São estas conquistas de direitos fundamentais cuja memória colectiva e individual importa defender e valorizar na luta de hoje dos trabalhadores portugueses e de todo o mundo para a construção de uma sociedade sem exploradores nem explorados. O mundo actual é injusto e tem de ser transformado – a situação existente não pode continuar. A injustiça, a miséria e a marginalização que os trabalhadores e outras classes populares sofrem não podem continuar, bem pelo contrário, têm de ser combatidos e é fundamental dar combate sem tréguas ao capitalismo.
A Revolução de Outubro pôs fim à discriminação, colocando as mulheres soviéticas na vanguarda dos direitos das mulheres no mundo, consagrando: o direito ao trabalho; à escolha da profissão; à remuneração igual para trabalho igual; o direito de voto; o direito a eleger e a ser eleita; o direito ao divórcio; a supressão do casamento religioso; o direito à interrupção voluntária da gravidez; a protecção da maternidade e da saúde das mulheres.
Foram os trabalhadores e o povo soviéticos, integrados no heróico Exército Vermelho, que contribuíram de forma decisiva para a vitória sobre o nazi-fascismo. Uma vitória épica sobre a ditadura terrorista do grande capital, do imperialismo, um feito de valor inestimável para toda a Humanidade.
A luta dos trabalhadores foi o motor da Revolução e da construção de um país de novo tipo que, ombreando com outros povos que se empenhavam igualmente na construção da sociedade socialista, abalou as relações internacionais. A cooperação e a solidariedade internacional assumiram um carácter de classe, com uma intervenção política decisiva. A URSS apoiou os povos que lutavam contra o colonialismo e pela libertação nacional, como no caso dos oprimidos pelo fascismo português.

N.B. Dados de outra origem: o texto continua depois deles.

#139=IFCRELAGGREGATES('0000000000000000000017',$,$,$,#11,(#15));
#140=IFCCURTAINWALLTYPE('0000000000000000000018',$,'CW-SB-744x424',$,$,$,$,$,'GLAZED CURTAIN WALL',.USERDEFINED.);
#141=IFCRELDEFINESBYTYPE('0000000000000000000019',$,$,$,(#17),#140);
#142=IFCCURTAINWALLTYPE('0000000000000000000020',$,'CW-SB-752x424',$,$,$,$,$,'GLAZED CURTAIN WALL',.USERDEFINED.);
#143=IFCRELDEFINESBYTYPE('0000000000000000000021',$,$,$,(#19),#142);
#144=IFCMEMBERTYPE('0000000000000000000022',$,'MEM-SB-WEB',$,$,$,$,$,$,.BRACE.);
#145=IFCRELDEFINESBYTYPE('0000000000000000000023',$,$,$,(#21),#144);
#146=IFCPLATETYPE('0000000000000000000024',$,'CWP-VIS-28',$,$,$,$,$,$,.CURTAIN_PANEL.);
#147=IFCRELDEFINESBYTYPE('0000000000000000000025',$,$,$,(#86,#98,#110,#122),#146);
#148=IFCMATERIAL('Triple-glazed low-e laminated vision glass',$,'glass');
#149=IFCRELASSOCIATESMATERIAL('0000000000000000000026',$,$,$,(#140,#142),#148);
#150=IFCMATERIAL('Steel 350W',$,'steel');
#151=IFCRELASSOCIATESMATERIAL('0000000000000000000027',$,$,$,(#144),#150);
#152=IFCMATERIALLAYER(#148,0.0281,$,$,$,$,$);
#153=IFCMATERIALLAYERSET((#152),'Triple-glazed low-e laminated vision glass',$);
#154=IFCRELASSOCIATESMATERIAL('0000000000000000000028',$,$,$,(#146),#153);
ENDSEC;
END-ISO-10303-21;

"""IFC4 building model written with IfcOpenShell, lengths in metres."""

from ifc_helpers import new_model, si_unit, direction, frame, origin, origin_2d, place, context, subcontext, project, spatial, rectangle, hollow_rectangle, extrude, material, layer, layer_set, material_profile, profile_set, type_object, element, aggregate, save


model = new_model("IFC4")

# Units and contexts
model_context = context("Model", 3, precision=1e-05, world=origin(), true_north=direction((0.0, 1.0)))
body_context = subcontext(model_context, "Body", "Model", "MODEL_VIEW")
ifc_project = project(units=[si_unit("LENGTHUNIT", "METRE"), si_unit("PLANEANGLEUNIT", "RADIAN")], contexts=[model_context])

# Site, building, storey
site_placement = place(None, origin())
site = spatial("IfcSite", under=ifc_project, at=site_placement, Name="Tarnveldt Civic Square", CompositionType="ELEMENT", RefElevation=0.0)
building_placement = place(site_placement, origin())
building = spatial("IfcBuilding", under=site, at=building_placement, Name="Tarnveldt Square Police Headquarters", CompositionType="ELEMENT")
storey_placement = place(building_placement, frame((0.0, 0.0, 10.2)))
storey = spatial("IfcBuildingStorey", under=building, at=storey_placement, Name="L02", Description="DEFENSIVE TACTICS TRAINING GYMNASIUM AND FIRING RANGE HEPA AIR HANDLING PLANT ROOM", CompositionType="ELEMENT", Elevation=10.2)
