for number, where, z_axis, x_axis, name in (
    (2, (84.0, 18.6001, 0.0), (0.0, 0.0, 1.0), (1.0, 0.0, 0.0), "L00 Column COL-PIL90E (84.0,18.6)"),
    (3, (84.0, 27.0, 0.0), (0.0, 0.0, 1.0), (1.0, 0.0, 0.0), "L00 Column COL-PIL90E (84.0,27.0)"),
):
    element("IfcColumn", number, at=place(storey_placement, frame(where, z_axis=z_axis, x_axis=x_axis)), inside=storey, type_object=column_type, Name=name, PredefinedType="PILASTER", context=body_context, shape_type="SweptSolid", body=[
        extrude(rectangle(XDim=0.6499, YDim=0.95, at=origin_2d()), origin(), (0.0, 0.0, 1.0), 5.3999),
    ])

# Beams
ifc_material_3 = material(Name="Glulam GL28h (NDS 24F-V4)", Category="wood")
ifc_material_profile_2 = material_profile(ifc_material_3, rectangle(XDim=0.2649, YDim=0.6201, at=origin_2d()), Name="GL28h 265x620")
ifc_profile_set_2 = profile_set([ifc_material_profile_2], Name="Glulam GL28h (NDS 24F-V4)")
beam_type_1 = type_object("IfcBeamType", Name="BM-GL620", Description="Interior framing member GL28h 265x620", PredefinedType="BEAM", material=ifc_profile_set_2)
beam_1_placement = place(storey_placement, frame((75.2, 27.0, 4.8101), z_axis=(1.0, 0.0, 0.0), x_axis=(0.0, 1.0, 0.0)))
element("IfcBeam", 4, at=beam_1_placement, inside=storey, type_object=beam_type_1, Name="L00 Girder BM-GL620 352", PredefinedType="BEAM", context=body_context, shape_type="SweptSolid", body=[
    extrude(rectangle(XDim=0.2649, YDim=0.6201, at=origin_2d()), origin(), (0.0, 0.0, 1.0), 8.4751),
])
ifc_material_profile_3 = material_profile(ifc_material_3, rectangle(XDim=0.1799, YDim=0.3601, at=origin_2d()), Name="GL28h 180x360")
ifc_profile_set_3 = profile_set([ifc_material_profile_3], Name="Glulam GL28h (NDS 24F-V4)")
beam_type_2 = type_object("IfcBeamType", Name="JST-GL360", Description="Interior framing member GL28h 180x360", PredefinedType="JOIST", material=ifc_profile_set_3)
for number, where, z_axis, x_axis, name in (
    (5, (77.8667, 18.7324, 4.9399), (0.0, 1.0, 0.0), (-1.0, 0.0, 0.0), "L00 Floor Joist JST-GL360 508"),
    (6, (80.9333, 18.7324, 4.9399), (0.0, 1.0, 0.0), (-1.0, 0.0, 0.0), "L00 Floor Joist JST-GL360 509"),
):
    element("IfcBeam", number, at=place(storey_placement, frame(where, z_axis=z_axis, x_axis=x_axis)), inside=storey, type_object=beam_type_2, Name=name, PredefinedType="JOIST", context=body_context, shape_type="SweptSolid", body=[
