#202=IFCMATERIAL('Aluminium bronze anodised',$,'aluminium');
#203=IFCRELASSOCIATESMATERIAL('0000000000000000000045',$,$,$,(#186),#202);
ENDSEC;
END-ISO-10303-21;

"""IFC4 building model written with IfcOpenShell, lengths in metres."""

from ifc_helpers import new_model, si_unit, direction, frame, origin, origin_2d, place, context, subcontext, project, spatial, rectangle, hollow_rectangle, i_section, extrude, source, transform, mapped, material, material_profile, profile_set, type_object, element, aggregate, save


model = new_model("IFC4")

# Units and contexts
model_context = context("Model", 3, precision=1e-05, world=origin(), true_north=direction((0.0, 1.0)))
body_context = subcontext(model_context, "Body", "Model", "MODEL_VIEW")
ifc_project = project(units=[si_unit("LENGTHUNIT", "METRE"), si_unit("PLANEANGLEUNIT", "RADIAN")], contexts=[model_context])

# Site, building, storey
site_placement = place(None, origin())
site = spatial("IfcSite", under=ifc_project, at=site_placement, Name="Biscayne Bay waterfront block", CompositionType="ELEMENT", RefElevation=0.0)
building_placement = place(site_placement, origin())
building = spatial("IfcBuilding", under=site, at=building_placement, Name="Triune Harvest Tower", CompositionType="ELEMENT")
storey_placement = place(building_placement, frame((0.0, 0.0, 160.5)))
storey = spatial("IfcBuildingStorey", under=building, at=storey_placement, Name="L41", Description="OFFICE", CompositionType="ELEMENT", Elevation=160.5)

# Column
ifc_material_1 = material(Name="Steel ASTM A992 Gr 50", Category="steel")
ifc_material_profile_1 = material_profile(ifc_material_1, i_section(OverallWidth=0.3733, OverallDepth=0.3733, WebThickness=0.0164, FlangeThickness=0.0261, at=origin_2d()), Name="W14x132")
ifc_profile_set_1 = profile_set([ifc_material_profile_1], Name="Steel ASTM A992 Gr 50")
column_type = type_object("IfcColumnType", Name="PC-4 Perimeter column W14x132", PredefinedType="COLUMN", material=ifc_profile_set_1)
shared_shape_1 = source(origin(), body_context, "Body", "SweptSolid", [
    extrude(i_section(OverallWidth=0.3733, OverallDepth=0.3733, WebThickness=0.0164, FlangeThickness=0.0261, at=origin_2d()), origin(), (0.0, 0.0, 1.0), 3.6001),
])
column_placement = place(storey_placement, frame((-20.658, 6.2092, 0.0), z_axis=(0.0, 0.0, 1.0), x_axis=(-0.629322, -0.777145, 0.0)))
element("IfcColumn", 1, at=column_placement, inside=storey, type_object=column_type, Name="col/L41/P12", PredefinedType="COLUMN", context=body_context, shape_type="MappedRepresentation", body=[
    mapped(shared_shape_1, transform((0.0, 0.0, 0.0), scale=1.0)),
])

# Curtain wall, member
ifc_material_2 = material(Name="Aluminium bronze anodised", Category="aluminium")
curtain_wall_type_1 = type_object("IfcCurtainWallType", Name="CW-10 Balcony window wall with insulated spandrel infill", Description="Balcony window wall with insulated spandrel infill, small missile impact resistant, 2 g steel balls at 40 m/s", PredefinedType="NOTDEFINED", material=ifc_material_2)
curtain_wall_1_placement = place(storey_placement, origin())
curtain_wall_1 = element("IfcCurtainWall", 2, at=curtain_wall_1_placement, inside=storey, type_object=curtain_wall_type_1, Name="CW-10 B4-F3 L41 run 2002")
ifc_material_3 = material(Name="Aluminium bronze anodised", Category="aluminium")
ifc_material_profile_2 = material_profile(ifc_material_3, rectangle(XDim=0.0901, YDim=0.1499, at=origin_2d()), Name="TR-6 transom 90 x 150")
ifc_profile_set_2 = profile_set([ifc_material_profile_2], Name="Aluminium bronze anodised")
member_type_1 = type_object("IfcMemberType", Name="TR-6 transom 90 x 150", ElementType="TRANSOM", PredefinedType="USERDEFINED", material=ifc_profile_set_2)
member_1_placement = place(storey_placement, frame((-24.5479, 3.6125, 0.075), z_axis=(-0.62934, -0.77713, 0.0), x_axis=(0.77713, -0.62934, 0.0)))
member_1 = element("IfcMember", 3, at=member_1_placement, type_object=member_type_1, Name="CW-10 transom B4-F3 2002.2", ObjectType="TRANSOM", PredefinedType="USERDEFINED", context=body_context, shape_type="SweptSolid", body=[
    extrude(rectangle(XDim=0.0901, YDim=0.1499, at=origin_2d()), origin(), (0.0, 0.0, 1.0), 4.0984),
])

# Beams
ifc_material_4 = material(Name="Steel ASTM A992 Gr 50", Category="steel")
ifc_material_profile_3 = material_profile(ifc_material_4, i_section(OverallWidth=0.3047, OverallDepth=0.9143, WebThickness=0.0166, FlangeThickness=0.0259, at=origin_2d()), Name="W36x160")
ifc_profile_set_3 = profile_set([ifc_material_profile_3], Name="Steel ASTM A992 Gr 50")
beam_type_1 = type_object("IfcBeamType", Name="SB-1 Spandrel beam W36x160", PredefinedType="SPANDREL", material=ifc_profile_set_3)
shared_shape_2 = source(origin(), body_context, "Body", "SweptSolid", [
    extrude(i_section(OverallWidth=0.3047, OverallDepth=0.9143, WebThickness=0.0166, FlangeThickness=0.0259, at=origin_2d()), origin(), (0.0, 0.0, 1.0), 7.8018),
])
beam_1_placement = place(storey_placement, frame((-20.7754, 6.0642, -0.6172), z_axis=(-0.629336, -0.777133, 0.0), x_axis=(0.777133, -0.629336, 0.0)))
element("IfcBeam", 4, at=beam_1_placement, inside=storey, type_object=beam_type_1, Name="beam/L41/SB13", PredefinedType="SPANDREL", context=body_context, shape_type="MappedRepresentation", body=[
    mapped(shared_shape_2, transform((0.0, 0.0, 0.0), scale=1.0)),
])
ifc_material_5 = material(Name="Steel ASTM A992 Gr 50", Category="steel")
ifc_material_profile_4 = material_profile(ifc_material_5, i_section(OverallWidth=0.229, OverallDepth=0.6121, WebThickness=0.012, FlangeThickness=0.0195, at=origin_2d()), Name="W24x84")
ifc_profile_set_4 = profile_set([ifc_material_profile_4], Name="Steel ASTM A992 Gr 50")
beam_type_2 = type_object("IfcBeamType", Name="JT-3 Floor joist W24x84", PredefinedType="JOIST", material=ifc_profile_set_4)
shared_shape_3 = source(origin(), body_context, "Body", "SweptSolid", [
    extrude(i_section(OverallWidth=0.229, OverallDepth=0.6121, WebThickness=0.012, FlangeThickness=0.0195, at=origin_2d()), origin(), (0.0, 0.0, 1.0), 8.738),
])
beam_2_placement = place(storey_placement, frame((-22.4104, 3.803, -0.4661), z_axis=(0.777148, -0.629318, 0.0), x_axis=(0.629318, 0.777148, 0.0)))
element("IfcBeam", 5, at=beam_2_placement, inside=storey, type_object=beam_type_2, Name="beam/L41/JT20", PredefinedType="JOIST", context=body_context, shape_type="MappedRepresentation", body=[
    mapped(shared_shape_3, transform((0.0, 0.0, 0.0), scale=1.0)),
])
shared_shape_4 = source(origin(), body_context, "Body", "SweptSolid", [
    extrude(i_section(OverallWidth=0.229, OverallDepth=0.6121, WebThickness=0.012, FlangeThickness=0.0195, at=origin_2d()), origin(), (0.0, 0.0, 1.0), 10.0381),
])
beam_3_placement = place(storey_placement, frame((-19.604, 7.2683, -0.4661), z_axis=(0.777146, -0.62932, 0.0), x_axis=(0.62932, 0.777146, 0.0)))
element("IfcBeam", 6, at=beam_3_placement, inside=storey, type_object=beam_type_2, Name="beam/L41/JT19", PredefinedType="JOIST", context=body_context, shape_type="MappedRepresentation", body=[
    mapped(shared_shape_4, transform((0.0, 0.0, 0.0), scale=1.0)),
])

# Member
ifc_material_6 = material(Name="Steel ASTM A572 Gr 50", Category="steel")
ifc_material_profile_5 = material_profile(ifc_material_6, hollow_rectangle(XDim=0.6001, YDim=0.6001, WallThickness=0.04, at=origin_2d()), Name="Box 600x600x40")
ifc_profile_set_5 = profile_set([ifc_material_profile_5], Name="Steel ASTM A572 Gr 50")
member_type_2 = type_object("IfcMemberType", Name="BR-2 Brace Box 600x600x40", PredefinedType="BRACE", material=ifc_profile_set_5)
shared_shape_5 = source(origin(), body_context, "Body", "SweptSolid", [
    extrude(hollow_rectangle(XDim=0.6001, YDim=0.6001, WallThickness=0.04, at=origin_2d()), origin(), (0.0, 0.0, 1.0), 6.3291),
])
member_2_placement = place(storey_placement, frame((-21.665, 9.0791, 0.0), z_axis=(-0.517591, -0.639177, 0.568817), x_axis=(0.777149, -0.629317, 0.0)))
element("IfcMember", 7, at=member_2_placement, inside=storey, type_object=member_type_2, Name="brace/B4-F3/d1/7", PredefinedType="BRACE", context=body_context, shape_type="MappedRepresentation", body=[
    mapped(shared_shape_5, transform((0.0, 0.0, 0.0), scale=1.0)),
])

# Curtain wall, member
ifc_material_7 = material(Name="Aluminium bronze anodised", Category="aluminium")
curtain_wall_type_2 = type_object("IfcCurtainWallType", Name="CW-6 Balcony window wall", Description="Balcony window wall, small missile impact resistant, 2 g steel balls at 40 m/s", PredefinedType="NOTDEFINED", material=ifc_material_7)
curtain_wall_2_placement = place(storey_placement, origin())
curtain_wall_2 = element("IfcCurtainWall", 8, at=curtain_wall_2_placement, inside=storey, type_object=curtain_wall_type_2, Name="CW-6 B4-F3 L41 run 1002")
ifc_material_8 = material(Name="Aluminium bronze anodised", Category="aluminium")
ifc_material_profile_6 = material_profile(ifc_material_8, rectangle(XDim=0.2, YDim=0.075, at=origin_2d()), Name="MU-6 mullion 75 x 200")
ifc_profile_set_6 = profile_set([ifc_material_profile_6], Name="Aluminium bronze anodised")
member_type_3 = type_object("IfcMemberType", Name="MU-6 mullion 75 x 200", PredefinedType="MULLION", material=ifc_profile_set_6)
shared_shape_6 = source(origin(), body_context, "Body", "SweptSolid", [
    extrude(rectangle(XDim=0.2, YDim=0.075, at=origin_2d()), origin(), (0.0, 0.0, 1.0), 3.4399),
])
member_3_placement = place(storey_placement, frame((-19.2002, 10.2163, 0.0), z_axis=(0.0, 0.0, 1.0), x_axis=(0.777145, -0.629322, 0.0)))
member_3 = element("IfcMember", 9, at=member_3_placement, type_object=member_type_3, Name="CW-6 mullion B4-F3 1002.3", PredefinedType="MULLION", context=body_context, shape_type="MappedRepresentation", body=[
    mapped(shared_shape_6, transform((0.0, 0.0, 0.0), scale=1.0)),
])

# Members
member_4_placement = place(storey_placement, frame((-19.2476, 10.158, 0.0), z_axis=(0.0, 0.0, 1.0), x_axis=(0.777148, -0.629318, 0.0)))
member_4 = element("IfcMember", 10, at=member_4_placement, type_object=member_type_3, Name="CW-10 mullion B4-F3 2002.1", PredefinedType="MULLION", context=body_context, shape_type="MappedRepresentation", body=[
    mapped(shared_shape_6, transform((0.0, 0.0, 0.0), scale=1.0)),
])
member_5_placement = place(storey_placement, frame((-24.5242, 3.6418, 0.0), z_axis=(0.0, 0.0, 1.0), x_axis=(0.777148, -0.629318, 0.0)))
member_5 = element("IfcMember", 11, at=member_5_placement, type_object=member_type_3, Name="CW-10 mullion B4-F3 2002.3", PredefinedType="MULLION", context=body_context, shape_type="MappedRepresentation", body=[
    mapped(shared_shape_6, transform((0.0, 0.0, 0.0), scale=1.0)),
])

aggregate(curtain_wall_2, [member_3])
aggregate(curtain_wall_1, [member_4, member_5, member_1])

Os trabalhadores e o povo português têm presente a solidariedade, a cooperação e o apoio aos trabalhadores e ao povo português na Revolução de Abril e na concretização das profundas transformações democráticas operadas no campo económico, social, cultural e desportivo no nosso país, designadamente o apoio dado pela União Soviética à Reforma Agrária e a formação dos trabalhadores para a concretização do sonho milenar de dar “a terra a quem a trabalha” e que apoiou o movimento sindical na luta contra a ditadura fascista, nomeadamente, através de campanhas que visavam a libertação de camaradas presos.
A Revolução de Outubro permitiu o surgimento de uma correlação de forças mais favorável aos trabalhadores e aos povos, impulsionou uma nova ordem internacional de salvaguarda da paz, mais democrática e baseada na igualdade dos direitos dos Estados e povos, na soberania e na independência nacional, no direito de autodeterminação dos povos e na cooperação e solidariedade internacional, princípios expressos no surgimento de organizações como as Nações Unidas.
O século XX foi marcado indelevelmente pela Revolução de Outubro, pelo que, independentemente das causas que estiveram na origem do desaparecimento da URSS, nada oblitera a sua importância na história contemporânea. O mundo não pára. A luta de classes continua a ser o motor da história, assumindo formas e processos diferenciados, que decorrem da situação de cada país, das possibilidades e potencialidades de luta que se apresentam, da luta e da preparação das massas, exigindo soluções unitárias e alianças diferenciadas na defesa dos interesses de classe dos trabalhadores, pela sua emancipação social e nacional, dando força de actualidade e de futuro à construção de uma sociedade sem exploradores nem explorados.
Hoje, frente à crescente internacionalização do capital, à proliferação de instrumentos e estruturas supranacionais ao serviço da exploração, do empobrecimento e do retrocesso de direitos, ganha força decisiva a batalha em defesa da soberania e pelo direito de cada povo ao progresso e à justiça social.
A necessidade e a possibilidade de derrotar o capitalismo mantêm-se na exacta medida em que a sua natureza e contradições sejam compreendidas e interligadas na relação dialéctica entre conquistas imediatas e perspectivas de concretização de novas aspirações, a plena libertação e realização humana, abrindo caminho à nova sociedade.
Por isso, comemorar os 100 anos da Revolução de Outubro é dizer que o caminho aberto contínua presente na luta que travamos todos os dias por um mundo melhor, onde aqueles que tudo produzem sejam os seus destinatários.